# Battled AJs all morning



## superchua (May 16, 2011)

Was pretty tired and sore, so I had to take a day before posting this report. Launched out and fished around Henderson State Park in Destin Saturday morning. Caught a mixed bag of live bait after the second sand bar and started fishing. Once I got to my first spot, I free lined a bait, and it got smashed right away. Fought the fish for 10 minutes then the hook pulls. After about 3 hours of stolen baits, broken tackle, and pulled hooks, I finally caught my first keeper AJ from the kayak. Measured right at 30", but I'll take it. I had 8 other good battles, but this was the only AJ I was able to land. I couldn't tell you what the other fish were since I didn't get to see them, but a lot shot back down to the bottom. I'm guessing either AJs or Sharks, but I did have two that ran out more than down. Could have had a king or two on there, but we'll never know.


----------



## MoganMan (Feb 24, 2013)

Nice! A keeper aj is always a battle! Let alone in the yak?? Way to go man! Quite the accomplishment, now you are ready for next time! Beef up the tackle and hold on!!!!


----------



## ChileRelleno (Jul 7, 2012)

That looks like a lot of fun, nice AJ for the dinner table.
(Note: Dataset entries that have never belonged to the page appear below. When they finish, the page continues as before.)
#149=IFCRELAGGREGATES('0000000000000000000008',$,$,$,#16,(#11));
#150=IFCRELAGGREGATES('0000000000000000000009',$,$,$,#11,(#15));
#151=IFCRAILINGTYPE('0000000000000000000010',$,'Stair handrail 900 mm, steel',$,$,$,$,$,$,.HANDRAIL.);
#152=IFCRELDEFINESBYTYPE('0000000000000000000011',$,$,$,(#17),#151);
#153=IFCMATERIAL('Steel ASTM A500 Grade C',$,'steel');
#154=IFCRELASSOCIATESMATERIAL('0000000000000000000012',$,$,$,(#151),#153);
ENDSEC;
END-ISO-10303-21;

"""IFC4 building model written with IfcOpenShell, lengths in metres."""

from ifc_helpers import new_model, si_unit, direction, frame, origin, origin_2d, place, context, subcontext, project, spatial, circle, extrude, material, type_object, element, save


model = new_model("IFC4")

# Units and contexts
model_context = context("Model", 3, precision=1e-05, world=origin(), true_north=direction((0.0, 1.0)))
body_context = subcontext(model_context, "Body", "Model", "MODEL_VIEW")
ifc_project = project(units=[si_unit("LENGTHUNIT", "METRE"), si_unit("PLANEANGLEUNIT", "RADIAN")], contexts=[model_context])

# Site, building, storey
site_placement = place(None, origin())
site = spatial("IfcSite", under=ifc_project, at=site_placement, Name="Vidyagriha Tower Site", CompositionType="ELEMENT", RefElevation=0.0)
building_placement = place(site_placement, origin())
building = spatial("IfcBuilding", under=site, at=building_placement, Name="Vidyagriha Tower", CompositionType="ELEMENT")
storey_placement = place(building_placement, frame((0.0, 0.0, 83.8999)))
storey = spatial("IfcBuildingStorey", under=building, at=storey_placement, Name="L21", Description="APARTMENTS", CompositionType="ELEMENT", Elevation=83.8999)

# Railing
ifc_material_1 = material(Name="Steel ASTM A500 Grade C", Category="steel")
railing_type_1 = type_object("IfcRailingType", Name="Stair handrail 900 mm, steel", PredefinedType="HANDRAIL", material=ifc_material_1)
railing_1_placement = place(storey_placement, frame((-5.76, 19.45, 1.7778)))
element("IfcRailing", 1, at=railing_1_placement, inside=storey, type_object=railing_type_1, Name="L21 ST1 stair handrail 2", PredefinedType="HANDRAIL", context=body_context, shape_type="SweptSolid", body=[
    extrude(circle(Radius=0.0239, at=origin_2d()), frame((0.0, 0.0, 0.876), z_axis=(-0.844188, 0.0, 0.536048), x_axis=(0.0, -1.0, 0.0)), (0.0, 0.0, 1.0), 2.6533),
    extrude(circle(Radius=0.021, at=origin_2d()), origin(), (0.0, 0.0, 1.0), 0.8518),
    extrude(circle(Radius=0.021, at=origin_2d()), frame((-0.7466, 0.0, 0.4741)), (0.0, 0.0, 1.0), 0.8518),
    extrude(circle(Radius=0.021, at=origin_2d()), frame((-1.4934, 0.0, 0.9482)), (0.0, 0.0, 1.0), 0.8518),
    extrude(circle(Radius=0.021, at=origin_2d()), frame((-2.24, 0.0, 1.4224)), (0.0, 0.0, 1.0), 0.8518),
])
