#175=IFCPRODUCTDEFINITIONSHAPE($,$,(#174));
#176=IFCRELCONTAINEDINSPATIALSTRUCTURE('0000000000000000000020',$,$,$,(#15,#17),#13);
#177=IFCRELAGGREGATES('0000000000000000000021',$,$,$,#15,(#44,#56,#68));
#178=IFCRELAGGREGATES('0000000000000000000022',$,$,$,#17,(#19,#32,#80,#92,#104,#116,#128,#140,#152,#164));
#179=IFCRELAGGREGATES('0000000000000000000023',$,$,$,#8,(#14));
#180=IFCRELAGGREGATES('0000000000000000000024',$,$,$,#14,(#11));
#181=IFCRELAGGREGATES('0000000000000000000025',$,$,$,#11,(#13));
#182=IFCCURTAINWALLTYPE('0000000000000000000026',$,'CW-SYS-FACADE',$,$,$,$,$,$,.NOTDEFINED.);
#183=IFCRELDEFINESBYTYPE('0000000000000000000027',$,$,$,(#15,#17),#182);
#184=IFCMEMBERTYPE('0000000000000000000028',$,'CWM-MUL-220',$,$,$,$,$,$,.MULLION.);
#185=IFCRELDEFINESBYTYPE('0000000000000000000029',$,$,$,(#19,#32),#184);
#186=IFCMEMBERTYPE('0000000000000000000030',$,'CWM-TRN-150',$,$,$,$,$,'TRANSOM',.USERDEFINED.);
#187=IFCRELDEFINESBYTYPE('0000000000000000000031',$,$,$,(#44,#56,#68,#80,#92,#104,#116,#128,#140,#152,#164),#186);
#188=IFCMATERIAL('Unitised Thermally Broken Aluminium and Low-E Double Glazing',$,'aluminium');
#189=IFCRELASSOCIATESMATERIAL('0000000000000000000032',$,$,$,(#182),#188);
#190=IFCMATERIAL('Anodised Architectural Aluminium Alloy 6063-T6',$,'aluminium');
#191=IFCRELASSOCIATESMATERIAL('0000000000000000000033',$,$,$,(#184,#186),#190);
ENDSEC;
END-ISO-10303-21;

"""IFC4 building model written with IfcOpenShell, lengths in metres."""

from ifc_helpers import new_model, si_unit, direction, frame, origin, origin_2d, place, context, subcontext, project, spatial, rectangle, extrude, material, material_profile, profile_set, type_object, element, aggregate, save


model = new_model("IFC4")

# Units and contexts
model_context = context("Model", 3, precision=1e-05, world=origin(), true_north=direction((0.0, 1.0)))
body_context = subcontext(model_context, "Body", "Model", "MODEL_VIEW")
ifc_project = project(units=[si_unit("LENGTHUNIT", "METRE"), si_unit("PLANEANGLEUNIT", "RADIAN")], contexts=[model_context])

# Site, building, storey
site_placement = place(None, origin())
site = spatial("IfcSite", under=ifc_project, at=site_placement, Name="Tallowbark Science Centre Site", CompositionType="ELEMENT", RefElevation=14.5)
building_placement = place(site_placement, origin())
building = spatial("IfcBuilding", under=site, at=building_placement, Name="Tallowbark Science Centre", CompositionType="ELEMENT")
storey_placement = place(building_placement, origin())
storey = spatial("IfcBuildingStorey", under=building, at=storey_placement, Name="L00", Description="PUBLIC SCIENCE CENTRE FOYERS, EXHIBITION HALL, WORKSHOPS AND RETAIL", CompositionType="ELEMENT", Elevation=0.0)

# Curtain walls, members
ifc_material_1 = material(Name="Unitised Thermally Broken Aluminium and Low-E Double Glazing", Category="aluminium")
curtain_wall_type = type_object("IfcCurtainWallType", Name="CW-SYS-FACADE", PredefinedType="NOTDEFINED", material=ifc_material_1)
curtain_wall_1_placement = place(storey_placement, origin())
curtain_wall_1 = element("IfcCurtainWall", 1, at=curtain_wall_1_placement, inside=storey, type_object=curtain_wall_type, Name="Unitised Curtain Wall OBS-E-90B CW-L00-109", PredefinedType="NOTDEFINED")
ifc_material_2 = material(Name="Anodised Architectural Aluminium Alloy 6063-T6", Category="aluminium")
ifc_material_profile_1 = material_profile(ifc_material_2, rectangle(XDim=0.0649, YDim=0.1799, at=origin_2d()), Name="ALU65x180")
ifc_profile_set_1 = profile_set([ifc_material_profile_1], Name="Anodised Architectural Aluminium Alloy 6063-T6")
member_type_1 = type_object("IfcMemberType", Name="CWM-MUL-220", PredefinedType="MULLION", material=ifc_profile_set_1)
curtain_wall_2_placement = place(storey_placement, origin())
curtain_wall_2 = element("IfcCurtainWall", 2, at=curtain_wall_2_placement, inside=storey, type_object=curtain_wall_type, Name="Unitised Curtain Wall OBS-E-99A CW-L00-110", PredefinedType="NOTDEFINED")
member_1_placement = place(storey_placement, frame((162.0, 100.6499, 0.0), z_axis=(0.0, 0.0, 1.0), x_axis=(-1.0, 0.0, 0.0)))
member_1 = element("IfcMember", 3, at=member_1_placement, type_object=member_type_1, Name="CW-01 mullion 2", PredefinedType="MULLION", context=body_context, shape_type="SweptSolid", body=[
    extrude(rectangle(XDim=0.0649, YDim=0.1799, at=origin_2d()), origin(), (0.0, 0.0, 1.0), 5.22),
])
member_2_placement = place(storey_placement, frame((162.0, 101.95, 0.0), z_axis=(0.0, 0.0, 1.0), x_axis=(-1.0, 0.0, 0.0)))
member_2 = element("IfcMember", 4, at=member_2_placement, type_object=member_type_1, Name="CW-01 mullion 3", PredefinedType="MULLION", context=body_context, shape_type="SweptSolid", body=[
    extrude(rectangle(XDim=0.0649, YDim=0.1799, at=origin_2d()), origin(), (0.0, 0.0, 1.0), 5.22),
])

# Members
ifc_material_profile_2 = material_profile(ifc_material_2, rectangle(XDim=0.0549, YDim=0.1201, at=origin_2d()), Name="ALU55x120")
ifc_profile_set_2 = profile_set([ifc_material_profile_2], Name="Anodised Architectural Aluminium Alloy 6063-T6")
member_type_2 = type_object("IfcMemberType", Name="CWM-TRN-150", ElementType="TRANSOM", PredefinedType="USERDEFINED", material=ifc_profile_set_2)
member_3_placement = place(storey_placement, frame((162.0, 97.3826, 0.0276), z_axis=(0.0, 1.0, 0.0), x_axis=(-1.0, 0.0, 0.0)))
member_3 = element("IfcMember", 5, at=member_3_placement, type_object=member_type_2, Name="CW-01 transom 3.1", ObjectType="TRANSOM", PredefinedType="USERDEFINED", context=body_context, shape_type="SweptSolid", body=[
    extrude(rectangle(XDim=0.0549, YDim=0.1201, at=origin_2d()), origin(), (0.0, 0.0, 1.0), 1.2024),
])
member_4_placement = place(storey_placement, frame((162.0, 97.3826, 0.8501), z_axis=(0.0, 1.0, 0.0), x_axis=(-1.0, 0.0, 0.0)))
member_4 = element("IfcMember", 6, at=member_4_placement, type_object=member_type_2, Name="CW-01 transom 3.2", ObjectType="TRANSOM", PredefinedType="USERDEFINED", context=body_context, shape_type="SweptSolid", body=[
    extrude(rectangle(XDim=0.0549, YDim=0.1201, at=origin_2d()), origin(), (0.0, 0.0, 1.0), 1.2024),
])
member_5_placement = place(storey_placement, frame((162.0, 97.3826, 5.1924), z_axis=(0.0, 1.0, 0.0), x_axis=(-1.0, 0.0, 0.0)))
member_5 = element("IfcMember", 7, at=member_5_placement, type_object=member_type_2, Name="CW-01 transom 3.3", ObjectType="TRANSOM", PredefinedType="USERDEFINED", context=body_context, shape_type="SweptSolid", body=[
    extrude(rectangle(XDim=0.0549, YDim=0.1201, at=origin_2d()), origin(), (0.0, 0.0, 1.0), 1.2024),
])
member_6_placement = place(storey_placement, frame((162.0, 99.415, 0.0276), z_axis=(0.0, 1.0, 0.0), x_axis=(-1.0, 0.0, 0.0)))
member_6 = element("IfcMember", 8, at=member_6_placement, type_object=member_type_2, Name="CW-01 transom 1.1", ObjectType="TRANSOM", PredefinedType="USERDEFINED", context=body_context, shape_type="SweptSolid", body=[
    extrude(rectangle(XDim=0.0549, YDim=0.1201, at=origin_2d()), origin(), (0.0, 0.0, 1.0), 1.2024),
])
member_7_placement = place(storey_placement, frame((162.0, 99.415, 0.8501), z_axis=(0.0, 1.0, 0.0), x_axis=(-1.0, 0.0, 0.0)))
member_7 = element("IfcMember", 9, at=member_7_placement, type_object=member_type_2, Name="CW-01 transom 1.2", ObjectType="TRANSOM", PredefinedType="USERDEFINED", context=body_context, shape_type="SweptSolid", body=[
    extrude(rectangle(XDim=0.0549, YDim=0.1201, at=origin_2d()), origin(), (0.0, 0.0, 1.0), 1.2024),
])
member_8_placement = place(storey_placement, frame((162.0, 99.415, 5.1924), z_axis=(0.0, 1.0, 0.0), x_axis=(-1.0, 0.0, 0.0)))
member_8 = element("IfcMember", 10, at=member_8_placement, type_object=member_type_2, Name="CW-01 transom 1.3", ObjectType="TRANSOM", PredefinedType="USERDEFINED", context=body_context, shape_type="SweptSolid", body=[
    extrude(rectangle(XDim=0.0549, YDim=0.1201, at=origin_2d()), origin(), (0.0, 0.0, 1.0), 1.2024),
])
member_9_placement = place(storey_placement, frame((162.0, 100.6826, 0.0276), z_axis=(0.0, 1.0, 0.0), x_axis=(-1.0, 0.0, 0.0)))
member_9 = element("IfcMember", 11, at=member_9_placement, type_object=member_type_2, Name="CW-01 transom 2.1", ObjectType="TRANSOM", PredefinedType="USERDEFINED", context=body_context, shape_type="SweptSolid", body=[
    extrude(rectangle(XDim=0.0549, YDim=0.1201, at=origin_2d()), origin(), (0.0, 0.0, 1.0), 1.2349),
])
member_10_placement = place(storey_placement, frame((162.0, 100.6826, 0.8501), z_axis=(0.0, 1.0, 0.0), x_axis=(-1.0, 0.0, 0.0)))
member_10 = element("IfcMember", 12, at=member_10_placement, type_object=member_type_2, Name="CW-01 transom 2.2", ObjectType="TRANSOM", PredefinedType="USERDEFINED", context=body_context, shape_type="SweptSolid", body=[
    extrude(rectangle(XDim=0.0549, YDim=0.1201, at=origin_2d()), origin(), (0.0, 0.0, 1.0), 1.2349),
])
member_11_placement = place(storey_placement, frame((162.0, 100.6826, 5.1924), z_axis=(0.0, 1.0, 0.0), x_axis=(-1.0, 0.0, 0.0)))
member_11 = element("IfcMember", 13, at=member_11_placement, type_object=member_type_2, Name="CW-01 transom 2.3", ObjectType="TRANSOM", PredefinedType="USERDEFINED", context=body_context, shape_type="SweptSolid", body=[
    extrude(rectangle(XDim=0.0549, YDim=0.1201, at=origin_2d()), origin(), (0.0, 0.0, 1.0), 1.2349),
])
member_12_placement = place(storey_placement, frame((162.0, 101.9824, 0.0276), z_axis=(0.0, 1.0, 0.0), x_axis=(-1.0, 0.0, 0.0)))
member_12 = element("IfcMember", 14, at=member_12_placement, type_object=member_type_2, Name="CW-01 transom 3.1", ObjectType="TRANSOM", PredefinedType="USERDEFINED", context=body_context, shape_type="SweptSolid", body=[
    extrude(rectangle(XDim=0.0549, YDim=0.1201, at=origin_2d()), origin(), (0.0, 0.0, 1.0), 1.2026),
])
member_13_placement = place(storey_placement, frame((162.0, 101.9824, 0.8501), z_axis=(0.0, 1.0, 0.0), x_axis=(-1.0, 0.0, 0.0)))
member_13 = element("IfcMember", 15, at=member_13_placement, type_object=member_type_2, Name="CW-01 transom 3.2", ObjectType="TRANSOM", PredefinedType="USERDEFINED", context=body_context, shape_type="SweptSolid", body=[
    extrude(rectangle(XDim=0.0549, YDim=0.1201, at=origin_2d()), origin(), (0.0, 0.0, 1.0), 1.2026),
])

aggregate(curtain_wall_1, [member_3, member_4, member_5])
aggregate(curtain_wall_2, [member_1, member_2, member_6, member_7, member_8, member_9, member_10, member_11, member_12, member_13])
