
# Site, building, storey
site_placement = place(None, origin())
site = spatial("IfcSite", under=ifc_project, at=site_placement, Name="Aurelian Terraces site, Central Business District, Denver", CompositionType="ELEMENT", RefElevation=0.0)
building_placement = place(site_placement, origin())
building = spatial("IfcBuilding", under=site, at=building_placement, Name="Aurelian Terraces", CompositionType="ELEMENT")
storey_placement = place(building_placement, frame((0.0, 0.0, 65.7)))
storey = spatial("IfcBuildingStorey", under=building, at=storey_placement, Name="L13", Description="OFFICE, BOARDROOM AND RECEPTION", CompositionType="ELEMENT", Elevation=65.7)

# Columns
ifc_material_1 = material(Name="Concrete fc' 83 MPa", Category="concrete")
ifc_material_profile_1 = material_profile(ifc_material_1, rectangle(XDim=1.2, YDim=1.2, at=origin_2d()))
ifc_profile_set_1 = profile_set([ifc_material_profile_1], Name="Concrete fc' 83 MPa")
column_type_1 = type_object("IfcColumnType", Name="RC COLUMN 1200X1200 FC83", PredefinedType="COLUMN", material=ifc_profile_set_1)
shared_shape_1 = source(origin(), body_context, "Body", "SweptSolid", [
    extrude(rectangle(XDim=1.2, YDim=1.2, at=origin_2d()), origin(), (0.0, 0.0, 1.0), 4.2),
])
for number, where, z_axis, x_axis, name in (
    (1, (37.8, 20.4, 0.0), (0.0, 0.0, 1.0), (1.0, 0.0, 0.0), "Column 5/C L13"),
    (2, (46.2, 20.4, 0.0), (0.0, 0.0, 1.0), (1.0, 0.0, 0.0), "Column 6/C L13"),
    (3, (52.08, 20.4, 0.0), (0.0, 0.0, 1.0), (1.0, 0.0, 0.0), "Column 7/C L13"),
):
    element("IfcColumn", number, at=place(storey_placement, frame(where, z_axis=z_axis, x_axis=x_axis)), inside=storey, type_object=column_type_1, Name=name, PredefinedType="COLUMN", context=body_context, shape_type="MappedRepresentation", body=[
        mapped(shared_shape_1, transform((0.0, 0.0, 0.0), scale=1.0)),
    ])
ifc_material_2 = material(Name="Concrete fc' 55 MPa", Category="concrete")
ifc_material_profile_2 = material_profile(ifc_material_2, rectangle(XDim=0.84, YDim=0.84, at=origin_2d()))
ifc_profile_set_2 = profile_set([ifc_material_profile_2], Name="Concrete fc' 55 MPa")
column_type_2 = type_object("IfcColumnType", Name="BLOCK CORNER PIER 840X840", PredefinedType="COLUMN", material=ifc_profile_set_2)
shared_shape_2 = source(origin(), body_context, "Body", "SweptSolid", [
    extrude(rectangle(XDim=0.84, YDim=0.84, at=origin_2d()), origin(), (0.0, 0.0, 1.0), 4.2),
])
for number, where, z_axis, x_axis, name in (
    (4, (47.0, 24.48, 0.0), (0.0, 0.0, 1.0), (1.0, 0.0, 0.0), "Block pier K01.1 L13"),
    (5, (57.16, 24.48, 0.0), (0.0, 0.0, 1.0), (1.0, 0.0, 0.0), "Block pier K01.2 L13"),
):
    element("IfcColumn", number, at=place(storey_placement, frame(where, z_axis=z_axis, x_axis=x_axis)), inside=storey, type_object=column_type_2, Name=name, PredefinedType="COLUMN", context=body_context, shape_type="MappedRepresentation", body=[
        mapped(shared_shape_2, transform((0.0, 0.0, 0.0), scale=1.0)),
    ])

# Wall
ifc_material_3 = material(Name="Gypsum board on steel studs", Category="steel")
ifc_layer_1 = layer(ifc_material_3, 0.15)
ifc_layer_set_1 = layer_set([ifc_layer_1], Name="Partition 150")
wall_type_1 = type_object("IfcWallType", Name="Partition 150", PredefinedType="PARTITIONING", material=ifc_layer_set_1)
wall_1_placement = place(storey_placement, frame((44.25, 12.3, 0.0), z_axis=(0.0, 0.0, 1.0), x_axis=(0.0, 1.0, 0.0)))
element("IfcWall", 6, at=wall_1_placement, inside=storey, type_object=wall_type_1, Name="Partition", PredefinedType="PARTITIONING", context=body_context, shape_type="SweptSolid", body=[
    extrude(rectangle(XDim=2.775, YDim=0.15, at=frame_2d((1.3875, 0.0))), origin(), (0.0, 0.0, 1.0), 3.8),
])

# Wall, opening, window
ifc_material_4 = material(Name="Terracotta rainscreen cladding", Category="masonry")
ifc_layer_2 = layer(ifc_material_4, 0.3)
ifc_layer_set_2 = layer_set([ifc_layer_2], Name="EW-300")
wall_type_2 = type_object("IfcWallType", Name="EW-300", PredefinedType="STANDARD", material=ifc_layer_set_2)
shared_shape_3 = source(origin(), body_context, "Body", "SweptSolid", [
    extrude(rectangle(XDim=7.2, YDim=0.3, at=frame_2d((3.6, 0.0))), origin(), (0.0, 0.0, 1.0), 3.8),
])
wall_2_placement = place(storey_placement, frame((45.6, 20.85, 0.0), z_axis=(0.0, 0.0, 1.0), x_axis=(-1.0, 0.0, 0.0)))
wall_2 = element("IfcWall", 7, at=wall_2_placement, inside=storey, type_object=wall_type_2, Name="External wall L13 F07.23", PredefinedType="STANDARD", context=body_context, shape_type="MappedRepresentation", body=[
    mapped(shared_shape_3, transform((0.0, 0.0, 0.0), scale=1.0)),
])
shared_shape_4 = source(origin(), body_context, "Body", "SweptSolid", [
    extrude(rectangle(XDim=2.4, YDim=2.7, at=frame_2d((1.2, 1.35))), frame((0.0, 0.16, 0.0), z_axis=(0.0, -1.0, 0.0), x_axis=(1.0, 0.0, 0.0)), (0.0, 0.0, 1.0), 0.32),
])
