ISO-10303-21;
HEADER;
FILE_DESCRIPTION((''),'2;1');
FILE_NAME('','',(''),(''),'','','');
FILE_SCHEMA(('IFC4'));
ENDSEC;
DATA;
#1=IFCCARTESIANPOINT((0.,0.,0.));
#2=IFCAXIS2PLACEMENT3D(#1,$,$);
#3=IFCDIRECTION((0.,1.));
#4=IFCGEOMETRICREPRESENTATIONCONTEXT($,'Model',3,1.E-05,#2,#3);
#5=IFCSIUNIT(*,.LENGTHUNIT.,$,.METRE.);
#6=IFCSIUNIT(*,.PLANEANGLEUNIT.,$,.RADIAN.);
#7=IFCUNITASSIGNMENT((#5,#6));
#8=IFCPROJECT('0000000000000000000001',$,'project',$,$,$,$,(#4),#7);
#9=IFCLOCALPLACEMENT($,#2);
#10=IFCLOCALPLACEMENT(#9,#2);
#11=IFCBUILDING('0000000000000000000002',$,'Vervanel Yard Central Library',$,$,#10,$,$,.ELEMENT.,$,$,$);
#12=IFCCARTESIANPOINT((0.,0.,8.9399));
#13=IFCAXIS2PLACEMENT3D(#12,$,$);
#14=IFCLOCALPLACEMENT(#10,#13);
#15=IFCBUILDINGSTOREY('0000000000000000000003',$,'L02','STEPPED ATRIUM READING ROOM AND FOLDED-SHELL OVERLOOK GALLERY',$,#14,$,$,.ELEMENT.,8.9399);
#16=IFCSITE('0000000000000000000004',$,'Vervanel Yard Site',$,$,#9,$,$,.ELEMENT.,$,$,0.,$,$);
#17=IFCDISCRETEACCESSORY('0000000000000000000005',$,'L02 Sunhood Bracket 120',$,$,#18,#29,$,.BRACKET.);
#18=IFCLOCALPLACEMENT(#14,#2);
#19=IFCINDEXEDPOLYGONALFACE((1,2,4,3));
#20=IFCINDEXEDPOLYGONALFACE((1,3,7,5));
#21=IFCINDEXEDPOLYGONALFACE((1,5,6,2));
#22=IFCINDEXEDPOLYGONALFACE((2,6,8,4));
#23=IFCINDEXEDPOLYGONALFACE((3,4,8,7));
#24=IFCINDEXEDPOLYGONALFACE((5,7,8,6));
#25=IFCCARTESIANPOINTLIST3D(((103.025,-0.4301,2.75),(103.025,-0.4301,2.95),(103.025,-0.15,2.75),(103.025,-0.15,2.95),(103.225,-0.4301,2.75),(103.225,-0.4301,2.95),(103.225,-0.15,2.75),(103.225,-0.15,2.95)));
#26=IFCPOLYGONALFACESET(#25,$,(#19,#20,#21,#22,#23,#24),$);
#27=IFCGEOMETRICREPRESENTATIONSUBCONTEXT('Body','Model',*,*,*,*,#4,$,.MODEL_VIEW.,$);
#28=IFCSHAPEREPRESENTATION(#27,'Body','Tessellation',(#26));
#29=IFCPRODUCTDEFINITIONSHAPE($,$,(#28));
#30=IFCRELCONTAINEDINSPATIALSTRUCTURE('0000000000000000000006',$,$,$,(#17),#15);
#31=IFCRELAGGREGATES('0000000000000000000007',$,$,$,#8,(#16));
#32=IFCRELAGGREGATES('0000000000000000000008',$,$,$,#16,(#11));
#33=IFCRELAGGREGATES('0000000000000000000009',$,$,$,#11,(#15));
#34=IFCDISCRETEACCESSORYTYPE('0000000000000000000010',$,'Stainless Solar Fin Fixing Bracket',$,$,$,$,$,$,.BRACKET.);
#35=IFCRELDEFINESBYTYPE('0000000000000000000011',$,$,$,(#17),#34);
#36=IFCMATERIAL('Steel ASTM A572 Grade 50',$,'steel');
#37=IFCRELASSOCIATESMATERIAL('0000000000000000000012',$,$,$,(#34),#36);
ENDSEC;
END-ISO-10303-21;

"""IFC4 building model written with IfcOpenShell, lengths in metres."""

from ifc_helpers import new_model, si_unit, direction, frame, origin, origin_2d, place, context, subcontext, project, spatial, rectangle, extrude, material, type_object, element, save


model = new_model("IFC4")

# Units and contexts
model_context = context("Model", 3, precision=1e-05, world=origin(), true_north=direction((0.0, 1.0)))
body_context = subcontext(model_context, "Body", "Model", "MODEL_VIEW")
ifc_project = project(units=[si_unit("LENGTHUNIT", "METRE"), si_unit("PLANEANGLEUNIT", "RADIAN")], contexts=[model_context])

# Site, building, storey
site_placement = place(None, origin())
site = spatial("IfcSite", under=ifc_project, at=site_placement, Name="Vervanel Yard Site", CompositionType="ELEMENT", RefElevation=0.0)
building_placement = place(site_placement, origin())
building = spatial("IfcBuilding", under=site, at=building_placement, Name="Vervanel Yard Central Library", CompositionType="ELEMENT")
storey_placement = place(building_placement, frame((0.0, 0.0, 8.9399)))
storey = spatial("IfcBuildingStorey", under=building, at=storey_placement, Name="L02", Description="STEPPED ATRIUM READING ROOM AND FOLDED-SHELL OVERLOOK GALLERY", CompositionType="ELEMENT", Elevation=8.9399)

# Discrete accessory
ifc_material_1 = material(Name="Steel ASTM A572 Grade 50", Category="steel")
discrete_accessory_type = type_object("IfcDiscreteAccessoryType", Name="Stainless Solar Fin Fixing Bracket", PredefinedType="BRACKET", material=ifc_material_1)
for number, where, z_axis, x_axis, name in (
    (1, (103.125, -0.29, 2.75), (0.0, 0.0, 1.0), (1.0, 0.0, 0.0), "L02 Sunhood Bracket 120"),
):
    element("IfcDiscreteAccessory", number, at=place(storey_placement, frame(where, z_axis=z_axis, x_axis=x_axis)), inside=storey, type_object=discrete_accessory_type, Name=name, PredefinedType="BRACKET", context=body_context, shape_type="SweptSolid", body=[
        extrude(rectangle(XDim=0.2, YDim=0.28, at=origin_2d()), origin(), (0.0, 0.0, 1.0), 0.2),
    ])

save(model, "model.ifc")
Yes indeed, ya need to beef up your tackle & sharpen those hooks.


----------



## Night Wing (May 16, 2011)

Good report.  Great photos. :thumbsup:


----------



## Jason (Oct 2, 2007)

Awesome report!!! Good deal on the AJ!!!


----------



## GAjohn (May 23, 2012)

Awesome report. How much line do you cast out when freelining a bait like that?


----------



## Set_the_Hook (Oct 29, 2013)

Awesome catch man! I went out to Henderson Sat afternoon but the winds were crazy and the surf was up pretty good.


----------



## superchua (May 16, 2011)

GAjohn said:


> Awesome report. How much line do you cast out when freelining a bait like that?


I mixed it up between a 100' and a little more. The fish didn't seem to mind the amount I let out, but the bait fish liked having more line out. I could tell if a bite was coming because the bait would get very active.

I would have loved to fight the fish on my bigger rods that I brought out, but I honestly got more bites on the free lined fish on the lighter tackle. I pulled the hooks on the ones I fought with my stout rods. I'll try sharpening the hooks, and I'm always open for suggestions.


----------



## GAjohn (May 23, 2012)

superchua said:


> I mixed it up between a 100' and a little more. The fish didn't seem to mind the amount I let out, but the bait fish liked having more line out. I could tell if a bite was coming because the bait would get very active.
> 
> I would have loved to fight the fish on my bigger rods that I brought out, but I honestly got more bites on the free lined fish on the lighter tackle. I pulled the hooks on the ones I fought with my stout rods. I'll try sharpening the hooks, and I'm always open for suggestions.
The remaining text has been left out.